Buciadignho ha scritto:


> *Secondo GDS il primo ad arrivare é stato Gazidis alle 19:30 seguito da Scaroni ed infine Cardinale. Incontro durato 45 minuti, ed é stato individuato anche Antonello (a.d. Inter) che ha pero' assicurato che si trattava di una coincidenza. Era prevista anche la presenza di Stefano Pioli, ma é stato poi deciso di non coinvolgere la parte sportiva.*


Ci compriamo pure i nati dopo?  
scherzi a parte, probabilmente hanno parlato del progetto stadio.


----------



## admin (31 Maggio 2022)

admin ha scritto:


> Schira e calciomercato.com: dopo aver incontrato Scaroni e Gazidis (*QUI * https://www.milanworld.net/threads/cardinale-e-a-milano-incontro-con-gazidis-e-scaroni.116707/ ) Cardinale incontrerà Paolo Maldini. Confermato per domani il comunicato sulla firma.


.


----------



## Raryof (31 Maggio 2022)

Presente anche Silvio Dante


----------



## Mika (31 Maggio 2022)

Si sta prendendo in giro sto tizio che nemmeno Yonghong Li il 13 Aprile 2017


----------



## Nomaduk (31 Maggio 2022)

corvorossonero ha scritto:


> Ci compriamo pure i nati dopo?
> scherzi a parte, probabilmente hanno parlato del *progetto stadio.*


più che altro hanno chiesto ad antonello come intendono regolarsi per lo stadio in termini economici..


----------



## malos (31 Maggio 2022)

corvorossonero ha scritto:


> Ci compriamo pure i nati dopo?
> scherzi a parte, probabilmente hanno parlato del progetto stadio.

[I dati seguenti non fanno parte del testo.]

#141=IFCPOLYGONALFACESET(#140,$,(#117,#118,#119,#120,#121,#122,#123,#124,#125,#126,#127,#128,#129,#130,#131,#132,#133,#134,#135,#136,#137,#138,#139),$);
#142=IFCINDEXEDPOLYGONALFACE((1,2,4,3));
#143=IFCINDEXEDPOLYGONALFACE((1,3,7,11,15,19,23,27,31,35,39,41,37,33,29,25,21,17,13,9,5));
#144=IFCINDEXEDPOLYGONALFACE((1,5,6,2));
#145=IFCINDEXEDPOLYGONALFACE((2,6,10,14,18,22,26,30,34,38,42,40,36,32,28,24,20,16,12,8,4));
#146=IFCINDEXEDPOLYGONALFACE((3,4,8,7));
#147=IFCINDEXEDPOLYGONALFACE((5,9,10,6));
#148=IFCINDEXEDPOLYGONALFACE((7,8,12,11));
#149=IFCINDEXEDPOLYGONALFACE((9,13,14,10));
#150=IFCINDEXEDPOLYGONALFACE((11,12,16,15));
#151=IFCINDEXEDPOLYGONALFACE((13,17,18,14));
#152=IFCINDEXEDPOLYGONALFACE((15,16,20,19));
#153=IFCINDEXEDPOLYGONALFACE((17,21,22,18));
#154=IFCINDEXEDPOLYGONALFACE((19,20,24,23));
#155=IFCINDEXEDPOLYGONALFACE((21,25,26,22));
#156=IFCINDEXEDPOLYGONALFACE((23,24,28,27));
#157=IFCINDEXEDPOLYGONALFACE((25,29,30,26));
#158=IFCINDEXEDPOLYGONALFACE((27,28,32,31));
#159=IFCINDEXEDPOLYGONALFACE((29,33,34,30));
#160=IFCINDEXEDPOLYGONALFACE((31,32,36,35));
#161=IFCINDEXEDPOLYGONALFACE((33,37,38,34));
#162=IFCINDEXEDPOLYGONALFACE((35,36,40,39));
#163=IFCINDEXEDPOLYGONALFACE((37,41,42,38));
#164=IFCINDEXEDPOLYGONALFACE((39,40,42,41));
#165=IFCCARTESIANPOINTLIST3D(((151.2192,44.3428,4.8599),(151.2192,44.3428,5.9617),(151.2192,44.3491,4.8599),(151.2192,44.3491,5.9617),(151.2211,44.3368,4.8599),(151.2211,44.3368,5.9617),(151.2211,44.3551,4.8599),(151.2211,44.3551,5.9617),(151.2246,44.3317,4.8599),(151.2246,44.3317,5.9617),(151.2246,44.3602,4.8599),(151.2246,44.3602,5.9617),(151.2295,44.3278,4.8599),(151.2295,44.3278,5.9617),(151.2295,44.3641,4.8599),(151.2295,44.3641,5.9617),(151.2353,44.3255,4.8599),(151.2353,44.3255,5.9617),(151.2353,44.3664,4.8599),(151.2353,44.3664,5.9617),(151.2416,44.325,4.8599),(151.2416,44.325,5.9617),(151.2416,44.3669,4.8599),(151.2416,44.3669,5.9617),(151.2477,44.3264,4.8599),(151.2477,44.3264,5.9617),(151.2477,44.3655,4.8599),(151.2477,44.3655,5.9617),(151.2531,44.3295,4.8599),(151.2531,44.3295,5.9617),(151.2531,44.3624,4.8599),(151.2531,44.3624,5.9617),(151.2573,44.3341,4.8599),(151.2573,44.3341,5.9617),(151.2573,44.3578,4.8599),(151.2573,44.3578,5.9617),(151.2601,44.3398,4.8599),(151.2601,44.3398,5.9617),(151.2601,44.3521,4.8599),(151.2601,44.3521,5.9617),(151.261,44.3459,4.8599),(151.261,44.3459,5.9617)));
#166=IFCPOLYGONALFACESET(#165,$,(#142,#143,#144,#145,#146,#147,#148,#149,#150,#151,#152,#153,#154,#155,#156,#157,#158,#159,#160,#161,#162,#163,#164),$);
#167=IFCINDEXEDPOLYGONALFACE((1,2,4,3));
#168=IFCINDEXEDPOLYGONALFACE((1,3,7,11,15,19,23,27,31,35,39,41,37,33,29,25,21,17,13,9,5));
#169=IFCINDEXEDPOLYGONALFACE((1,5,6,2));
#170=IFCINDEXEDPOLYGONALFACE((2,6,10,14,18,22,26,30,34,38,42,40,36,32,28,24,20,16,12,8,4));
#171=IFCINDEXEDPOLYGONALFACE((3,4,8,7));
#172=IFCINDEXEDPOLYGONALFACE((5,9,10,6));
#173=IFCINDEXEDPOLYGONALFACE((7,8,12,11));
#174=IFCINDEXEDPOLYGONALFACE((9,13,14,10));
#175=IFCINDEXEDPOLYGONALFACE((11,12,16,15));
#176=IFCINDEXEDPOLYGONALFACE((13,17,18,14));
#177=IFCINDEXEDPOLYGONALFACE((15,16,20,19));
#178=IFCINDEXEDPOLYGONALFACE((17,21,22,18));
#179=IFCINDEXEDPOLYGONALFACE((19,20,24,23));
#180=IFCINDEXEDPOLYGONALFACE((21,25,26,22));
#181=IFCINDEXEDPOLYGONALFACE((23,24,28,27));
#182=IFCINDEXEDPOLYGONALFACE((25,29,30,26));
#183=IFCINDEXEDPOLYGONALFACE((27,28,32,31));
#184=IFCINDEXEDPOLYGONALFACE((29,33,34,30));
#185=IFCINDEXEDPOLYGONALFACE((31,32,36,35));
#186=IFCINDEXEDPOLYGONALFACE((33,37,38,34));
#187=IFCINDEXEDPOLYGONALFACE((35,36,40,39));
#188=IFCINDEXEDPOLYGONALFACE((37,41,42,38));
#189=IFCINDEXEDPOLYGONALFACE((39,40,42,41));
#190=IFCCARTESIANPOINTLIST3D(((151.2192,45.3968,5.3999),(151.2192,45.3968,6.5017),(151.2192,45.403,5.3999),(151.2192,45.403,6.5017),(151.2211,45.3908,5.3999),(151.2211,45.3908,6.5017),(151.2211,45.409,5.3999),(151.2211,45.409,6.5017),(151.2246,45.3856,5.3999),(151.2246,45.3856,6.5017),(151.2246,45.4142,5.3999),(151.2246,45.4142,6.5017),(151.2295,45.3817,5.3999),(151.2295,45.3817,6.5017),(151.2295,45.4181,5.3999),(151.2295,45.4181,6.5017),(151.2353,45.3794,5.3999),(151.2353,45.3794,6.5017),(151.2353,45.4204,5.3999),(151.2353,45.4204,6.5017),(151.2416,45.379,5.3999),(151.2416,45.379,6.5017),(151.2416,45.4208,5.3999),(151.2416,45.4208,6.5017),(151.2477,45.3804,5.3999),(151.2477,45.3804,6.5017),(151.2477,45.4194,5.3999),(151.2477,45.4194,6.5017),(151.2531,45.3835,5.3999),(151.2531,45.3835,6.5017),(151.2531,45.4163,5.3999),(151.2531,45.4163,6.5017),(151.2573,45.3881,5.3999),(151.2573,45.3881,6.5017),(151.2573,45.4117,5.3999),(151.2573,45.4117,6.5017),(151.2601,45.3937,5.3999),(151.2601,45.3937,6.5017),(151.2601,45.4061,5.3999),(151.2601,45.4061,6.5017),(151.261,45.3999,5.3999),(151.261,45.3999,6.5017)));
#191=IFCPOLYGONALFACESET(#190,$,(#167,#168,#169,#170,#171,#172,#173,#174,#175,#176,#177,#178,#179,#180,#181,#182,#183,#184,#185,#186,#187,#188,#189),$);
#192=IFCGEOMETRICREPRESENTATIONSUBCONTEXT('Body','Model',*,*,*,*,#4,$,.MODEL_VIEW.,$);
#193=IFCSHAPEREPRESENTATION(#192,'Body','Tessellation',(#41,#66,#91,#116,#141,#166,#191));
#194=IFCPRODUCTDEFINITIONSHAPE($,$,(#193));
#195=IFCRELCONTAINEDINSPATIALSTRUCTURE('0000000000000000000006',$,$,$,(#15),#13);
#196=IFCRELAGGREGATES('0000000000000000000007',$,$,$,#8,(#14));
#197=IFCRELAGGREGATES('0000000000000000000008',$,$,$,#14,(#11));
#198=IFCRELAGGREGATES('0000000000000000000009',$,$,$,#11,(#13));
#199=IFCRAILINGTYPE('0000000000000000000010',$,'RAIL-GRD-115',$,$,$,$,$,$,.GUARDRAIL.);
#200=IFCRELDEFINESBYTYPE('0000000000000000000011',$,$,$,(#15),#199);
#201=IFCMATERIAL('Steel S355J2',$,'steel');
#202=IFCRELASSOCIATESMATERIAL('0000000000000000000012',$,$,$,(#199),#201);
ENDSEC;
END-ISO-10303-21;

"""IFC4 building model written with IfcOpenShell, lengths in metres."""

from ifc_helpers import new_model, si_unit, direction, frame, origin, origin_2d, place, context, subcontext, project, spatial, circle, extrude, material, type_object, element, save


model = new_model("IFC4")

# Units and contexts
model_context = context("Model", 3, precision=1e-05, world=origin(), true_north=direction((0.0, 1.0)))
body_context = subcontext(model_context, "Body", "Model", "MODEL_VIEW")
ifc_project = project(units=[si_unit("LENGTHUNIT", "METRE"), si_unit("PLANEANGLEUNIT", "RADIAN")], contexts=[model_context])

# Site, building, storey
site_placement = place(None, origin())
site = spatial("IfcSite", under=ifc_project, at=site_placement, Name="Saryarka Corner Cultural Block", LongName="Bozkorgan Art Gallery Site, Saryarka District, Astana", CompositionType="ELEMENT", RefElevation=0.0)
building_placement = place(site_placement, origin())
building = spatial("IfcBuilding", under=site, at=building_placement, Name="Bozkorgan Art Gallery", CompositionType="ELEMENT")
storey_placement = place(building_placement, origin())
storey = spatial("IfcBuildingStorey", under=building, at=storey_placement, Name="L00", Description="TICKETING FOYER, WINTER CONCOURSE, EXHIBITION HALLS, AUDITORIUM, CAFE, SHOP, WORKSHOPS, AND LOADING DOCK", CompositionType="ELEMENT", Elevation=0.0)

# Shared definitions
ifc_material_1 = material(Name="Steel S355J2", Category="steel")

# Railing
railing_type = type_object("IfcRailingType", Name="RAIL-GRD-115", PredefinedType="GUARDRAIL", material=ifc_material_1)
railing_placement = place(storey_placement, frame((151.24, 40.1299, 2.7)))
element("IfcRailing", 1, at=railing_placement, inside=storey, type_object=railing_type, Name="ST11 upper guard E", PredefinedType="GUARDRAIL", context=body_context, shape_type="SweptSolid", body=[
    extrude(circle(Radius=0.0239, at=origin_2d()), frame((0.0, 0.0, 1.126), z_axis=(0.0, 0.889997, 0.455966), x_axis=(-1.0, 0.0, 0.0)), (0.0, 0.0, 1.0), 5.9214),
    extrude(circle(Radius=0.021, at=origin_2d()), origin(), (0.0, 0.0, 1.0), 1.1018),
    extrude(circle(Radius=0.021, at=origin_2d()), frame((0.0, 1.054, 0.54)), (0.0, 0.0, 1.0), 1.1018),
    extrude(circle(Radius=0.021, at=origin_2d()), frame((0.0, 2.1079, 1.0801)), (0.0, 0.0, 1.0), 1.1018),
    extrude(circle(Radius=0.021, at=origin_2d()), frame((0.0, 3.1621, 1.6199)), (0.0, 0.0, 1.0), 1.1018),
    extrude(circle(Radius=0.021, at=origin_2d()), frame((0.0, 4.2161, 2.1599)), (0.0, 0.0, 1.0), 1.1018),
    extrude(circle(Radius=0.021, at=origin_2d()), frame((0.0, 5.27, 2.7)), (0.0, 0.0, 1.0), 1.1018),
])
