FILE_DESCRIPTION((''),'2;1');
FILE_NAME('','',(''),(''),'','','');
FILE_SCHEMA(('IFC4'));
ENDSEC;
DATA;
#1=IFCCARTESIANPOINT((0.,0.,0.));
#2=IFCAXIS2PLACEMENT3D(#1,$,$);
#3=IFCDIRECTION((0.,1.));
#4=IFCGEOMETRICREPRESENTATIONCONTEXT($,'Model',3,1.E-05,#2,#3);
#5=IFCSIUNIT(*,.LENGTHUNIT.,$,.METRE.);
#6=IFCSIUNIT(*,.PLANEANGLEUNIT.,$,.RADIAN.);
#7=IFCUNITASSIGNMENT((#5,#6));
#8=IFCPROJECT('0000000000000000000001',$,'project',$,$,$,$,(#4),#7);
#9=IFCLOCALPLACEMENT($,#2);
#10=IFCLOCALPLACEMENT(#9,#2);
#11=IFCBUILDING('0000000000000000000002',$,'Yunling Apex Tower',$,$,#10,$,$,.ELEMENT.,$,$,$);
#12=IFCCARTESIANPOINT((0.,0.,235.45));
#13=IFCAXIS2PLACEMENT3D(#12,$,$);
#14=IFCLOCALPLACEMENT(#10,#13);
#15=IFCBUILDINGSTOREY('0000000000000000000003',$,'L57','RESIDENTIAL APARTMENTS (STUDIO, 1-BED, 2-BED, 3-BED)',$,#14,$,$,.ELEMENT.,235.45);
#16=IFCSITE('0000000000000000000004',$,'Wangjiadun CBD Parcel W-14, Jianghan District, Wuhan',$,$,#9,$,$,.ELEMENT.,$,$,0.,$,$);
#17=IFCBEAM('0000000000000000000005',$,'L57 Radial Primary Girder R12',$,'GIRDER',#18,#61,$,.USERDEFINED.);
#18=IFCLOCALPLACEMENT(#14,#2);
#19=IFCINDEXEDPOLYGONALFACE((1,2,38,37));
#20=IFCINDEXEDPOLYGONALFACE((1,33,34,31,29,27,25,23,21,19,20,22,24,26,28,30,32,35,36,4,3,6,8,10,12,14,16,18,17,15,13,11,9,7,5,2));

Ecco mi hai cassato anche l'ultima speranza, lo stadio da soli.


----------



## admin (31 Maggio 2022)

*Sky: è possibile che i dirigenti, Maldini, Massara e Gazidis, rimarranno gli stessi almeno in questa prima fase perché i risultati sono stati incredibili. I contratti in scadenza in genere non vengono rinnovati dal vecchio proprietario ma dal nuovo e la sensazione è che si andrà nella direzione del rinnovo.*


----------



## Raryof (31 Maggio 2022)

Nomaduk ha scritto:


> più che altro hanno chiesto ad antonello come intendono regolarsi per lo stadio in termini economici..


Gli hanno detto che lo stadio lo si fa DA SOLI!


----------



## corvorossonero (31 Maggio 2022)

admin ha scritto:


> *Sky: è possibile che i dirigenti, Maldini, Massara e Gazidis, rimarranno gli stessi almeno in questa prima fase perché i risultati sono stati incredibili. I contratti in scadenza in genere non vengono rinnovati dal vecchio proprietario ma dal nuovo e la sensazione è che si andrà nella direzione del rinnovo.*


"almeno in questa prima fase"....


----------



## SoloMVB (31 Maggio 2022)

Mika ha scritto:


> Si sta prendendo in giro sto tizio che nemmeno Yonghong Li il 13 Aprile 2017


Speriamo tutti che possa smentirci, in caso contrario non avrò nemmeno la forza di dirti"io lo sapevo",tale sarebbe la portata del disastro che mi lascerebbe come un vegetale o quasi.


----------



## Nomaduk (31 Maggio 2022)

corvorossonero ha scritto:


> "almeno in questa prima fase"....


Si devono conoscere...


----------



## corvorossonero (31 Maggio 2022)

SoloMVB ha scritto:


> Speriamo tutti che possa smentirci, in caso contrario non avrò nemmeno la forza di dirti"io lo sapevo",tale sarebbe la portata del disastro che mi lascerebbe come un vegetale o quasi.


ma come gestione non cambierà molto, sarà come con Elliot.


----------



## 7AlePato7 (31 Maggio 2022)

admin ha scritto:


> Schira e calciomercato.com: dopo aver incontrato Scaroni e Gazidis (*QUI * https://www.milanworld.net/threads/cardinale-e-a-milano-incontro-con-gazidis-e-scaroni.116707/ ) Cardinale incontrerà Paolo Maldini. Confermato per domani il comunicato sulla firma.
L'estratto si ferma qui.